Acupuncture Detox (NADA): This protocol was developed by the National Acupuncture Detoxification Association. It involves placing acupuncture needles in certain points on the ear. The NADA protocol has proven to be highly beneficial as an adjunctive treatment for addictions: it helps to relax the nervous system while supporting the detoxification process. It is most effective when administered as often as possible during acute recovery. It can be used to treat any addiction (including smoking and caffeine) and it can be helpful for detox from many things, including chemotherapy.

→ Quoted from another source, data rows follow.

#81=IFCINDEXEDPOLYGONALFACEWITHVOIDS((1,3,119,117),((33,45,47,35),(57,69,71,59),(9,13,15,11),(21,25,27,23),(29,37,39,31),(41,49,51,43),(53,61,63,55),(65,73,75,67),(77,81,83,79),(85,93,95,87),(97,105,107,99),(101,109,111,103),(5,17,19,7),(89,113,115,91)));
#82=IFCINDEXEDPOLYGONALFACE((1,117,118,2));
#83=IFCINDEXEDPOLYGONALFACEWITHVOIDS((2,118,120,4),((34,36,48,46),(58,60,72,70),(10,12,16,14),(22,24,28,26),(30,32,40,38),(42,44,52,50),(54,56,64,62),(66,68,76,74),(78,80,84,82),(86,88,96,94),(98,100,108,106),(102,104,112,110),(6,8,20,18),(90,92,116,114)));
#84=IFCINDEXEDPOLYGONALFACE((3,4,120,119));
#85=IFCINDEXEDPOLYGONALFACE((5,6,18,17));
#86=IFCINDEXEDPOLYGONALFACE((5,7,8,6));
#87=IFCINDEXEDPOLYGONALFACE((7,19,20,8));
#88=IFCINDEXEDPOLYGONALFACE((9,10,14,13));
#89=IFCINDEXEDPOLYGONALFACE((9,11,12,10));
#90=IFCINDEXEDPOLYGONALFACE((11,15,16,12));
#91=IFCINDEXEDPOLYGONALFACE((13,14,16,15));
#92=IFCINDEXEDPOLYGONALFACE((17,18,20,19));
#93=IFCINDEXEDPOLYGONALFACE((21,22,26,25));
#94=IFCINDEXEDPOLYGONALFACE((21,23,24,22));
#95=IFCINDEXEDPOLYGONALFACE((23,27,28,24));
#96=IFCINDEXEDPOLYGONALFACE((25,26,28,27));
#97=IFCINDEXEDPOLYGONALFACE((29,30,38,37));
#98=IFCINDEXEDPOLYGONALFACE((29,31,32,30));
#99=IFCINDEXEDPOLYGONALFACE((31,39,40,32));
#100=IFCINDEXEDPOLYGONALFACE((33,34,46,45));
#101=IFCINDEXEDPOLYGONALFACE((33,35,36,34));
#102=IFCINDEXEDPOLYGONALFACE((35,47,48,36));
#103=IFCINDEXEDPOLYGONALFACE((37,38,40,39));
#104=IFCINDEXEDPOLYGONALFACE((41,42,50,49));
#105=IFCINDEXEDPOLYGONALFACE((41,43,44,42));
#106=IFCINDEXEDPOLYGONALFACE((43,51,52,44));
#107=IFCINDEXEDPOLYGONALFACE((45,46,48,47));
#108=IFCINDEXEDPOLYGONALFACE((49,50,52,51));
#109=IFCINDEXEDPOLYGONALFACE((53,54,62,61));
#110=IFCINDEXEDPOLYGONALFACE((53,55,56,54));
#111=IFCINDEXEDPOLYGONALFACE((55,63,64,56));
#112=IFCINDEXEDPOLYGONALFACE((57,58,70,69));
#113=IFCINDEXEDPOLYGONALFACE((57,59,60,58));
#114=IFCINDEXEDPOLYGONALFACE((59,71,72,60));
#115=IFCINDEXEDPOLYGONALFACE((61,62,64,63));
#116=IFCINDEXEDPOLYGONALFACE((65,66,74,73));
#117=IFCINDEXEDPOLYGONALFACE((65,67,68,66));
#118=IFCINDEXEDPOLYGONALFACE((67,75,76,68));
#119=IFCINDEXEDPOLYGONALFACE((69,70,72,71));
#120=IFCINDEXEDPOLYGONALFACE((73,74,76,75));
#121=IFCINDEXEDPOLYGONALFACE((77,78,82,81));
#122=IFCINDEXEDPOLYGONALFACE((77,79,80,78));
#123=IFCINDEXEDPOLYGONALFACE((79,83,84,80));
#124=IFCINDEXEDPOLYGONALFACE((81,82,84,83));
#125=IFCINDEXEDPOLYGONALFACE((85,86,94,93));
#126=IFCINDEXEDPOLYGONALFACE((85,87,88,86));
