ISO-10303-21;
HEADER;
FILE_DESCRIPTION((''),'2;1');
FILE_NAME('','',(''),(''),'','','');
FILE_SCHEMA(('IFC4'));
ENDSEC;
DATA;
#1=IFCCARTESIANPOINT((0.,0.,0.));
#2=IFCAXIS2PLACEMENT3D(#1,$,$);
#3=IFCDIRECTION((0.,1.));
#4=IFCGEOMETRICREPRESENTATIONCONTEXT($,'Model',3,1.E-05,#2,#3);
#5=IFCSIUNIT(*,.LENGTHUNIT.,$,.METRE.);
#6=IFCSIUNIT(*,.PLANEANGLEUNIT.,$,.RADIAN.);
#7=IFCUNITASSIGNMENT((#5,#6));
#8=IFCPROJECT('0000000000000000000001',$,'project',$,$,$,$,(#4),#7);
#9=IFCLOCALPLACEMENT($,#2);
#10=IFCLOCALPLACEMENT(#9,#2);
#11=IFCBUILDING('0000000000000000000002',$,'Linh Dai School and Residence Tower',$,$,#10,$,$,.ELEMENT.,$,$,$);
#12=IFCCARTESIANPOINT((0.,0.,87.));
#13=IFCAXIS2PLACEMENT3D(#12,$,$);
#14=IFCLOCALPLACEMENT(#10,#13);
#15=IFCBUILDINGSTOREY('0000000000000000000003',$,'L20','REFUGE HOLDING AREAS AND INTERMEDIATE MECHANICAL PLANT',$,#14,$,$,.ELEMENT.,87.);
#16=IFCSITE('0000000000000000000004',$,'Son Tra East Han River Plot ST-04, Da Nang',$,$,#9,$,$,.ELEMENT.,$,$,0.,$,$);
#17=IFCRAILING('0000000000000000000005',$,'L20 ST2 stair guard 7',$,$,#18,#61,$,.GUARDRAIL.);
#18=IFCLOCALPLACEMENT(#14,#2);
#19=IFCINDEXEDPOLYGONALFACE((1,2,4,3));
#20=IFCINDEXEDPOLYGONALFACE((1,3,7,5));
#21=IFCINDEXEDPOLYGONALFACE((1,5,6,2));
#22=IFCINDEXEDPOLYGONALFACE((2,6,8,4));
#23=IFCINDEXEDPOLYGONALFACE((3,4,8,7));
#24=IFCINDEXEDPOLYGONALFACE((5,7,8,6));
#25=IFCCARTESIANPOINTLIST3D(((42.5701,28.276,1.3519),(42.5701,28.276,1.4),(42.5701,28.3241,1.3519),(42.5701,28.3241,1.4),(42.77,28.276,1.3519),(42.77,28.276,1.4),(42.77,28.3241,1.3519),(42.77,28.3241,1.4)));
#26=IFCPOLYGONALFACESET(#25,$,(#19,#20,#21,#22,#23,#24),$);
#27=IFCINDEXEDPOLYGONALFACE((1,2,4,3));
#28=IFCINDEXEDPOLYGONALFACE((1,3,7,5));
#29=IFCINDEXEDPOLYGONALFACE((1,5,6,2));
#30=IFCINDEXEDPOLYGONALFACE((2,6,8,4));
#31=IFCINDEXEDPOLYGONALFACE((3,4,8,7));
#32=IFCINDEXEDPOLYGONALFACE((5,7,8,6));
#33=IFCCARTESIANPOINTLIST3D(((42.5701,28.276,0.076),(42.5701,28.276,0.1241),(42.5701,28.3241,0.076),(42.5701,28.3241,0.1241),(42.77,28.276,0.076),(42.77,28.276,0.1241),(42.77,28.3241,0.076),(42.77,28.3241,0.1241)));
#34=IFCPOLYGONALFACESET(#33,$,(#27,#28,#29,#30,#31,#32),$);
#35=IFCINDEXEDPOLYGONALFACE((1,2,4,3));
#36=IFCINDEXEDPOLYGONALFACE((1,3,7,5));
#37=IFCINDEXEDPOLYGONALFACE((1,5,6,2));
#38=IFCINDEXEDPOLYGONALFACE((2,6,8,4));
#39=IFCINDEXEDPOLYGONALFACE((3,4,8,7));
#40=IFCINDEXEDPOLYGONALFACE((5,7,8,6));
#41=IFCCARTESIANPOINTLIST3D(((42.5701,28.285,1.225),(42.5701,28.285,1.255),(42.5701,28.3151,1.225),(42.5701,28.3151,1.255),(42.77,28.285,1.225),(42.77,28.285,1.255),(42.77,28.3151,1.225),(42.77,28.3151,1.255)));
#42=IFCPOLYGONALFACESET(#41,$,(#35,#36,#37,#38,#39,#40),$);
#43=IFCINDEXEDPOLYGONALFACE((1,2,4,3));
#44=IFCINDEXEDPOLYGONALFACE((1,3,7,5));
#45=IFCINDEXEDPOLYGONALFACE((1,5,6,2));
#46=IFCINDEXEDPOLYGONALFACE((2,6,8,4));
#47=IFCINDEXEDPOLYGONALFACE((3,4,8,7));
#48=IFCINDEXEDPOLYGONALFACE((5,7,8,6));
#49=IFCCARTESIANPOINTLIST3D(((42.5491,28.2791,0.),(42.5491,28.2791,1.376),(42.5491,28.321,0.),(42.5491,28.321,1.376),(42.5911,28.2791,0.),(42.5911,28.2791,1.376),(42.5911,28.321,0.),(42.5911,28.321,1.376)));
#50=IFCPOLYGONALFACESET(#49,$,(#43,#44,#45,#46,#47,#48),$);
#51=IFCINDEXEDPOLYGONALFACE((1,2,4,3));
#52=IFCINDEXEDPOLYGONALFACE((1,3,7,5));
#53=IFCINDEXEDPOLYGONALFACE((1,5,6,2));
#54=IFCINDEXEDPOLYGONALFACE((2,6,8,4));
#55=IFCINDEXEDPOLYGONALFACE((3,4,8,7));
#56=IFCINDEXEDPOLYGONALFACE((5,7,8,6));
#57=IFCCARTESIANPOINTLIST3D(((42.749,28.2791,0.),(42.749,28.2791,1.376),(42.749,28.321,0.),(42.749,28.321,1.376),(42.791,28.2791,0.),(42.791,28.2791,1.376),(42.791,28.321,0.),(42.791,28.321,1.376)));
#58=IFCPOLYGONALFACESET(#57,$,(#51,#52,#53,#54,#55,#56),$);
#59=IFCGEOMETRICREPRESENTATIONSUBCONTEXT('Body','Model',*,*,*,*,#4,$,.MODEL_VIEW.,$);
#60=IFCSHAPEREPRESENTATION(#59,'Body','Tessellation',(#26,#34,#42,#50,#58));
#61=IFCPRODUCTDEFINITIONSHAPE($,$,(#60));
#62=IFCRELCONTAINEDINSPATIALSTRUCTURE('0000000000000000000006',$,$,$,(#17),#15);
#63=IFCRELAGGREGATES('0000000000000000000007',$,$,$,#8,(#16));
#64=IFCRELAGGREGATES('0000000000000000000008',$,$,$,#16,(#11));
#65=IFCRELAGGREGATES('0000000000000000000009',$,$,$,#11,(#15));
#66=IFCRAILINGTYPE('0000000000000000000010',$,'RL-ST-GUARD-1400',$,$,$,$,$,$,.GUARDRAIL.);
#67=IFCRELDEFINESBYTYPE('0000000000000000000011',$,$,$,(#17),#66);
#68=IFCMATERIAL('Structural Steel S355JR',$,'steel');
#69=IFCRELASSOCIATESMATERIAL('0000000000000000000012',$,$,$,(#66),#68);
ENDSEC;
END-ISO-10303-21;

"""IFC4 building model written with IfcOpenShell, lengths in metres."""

from ifc_helpers import new_model, si_unit, direction, frame, origin, origin_2d, place, context, subcontext, project, spatial, rectangle, extrude, source, transform, mapped, material, type_object, element, save


model = new_model("IFC4")

# Units and contexts
model_context = context("Model", 3, precision=1e-05, world=origin(), true_north=direction((0.0, 1.0)))
body_context = subcontext(model_context, "Body", "Model", "MODEL_VIEW")
ifc_project = project(units=[si_unit("LENGTHUNIT", "METRE"), si_unit("PLANEANGLEUNIT", "RADIAN")], contexts=[model_context])

# Site, building, storey
site_placement = place(None, origin())
site = spatial("IfcSite", under=ifc_project, at=site_placement, Name="Son Tra East Han River Plot ST-04, Da Nang", CompositionType="ELEMENT", RefElevation=0.0)
building_placement = place(site_placement, origin())
building = spatial("IfcBuilding", under=site, at=building_placement, Name="Linh Dai School and Residence Tower", CompositionType="ELEMENT")
storey_placement = place(building_placement, frame((0.0, 0.0, 87.0)))
storey = spatial("IfcBuildingStorey", under=building, at=storey_placement, Name="L20", Description="REFUGE HOLDING AREAS AND INTERMEDIATE MECHANICAL PLANT", CompositionType="ELEMENT", Elevation=87.0)

# Shared definitions
ifc_material_1 = material(Name="Structural Steel S355JR", Category="steel")

# Railing
railing_type_1 = type_object("IfcRailingType", Name="RL-ST-GUARD-1400", PredefinedType="GUARDRAIL", material=ifc_material_1)
shared_shape_1 = source(origin(), body_context, "Body", "SweptSolid", [
    extrude(rectangle(XDim=0.0481, YDim=0.0481, at=origin_2d()), frame((0.0, 0.0, 1.376), z_axis=(1.0, 0.0, 0.0), x_axis=(0.0, 1.0, 0.0)), (0.0, 0.0, 1.0), 0.2),
    extrude(rectangle(XDim=0.0481, YDim=0.0481, at=origin_2d()), frame((0.0, 0.0, 0.1001), z_axis=(1.0, 0.0, 0.0), x_axis=(0.0, 1.0, 0.0)), (0.0, 0.0, 1.0), 0.2),
    extrude(rectangle(XDim=0.03, YDim=0.03, at=origin_2d()), frame((0.0, 0.0, 1.24), z_axis=(1.0, 0.0, 0.0), x_axis=(0.0, 1.0, 0.0)), (0.0, 0.0, 1.0), 0.2),
    extrude(rectangle(XDim=0.042, YDim=0.042, at=origin_2d()), origin(), (0.0, 0.0, 1.0), 1.376),
    extrude(rectangle(XDim=0.042, YDim=0.042, at=origin_2d()), frame((0.2, 0.0, 0.0)), (0.0, 0.0, 1.0), 1.376),
])
railing_1_placement = place(storey_placement, frame((42.5701, 28.3, 0.0)))
element("IfcRailing", 1, at=railing_1_placement, inside=storey, type_object=railing_type_1, Name="L20 ST2 stair guard 7", PredefinedType="GUARDRAIL", context=body_context, shape_type="MappedRepresentation", body=[
    mapped(shared_shape_1, transform((0.0, 0.0, 0.0), x_axis=(1.0, 0.0, 0.0), y_axis=(0.0, 1.0, 0.0), z_axis=(0.0, 0.0, 1.0), scale=1.0)),
])

save(model, "model.ifc")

It may be incorporated into a full treatment when appropriate.
What other modalities are used at New Paltz
One of the following may be used during your treatment with your consent:
Cupping: Cupping is the placement of vacuum cups on the skin. This produces a deep penetrating massage to a localized area. It can be used to loosen tight muscles and to move stagnation/congestion.
Gua sha: Chronic muscle pain is often accompanied by stagnant blood. This is the result of oxygen deprivation to a certain area of the body. Gua sha is an ancient technique in which a smooth-edged surface (such as an Asian soup spoon) is moved vigorously over the affected area. This moves stagnant blood to the surface and allows fresh, oxygenated blood to take its place.
Electrical stimulation: Electrical stimulation involves using a device that is attached by clips to certain needles to generate a gentle, continuous electrical pulse between the needles. This can assist in the management of musculoskeletal pain.
Hot stones: It is often beneficial to bring heat to specific acupuncture points or to affected areas of the body. This is typically done through the use of moxibustion, the burning of mugwort. We are not allowed to use moxibistion in the rental space of New Paltz Community Acupuncture. Instead, we may place warm stones on the points or areas.
Castor oil packs: Castor oil packs have been used for a wide-range of health conditions. At New Paltz Community Acupuncture, they are primarily used for gynecological conditions such as fibroid tumors, endometriosis, and ovarian cysts. The treatment consists of using castor oil and a heating pad on the lower abdomen and allowing you to rest with that for about an hour. It can be added to an acupuncture treatment at an additional cost or you can come in just for a castor oil pack treatment. You and your acupuncturist can discuss an appropriate course of treatment.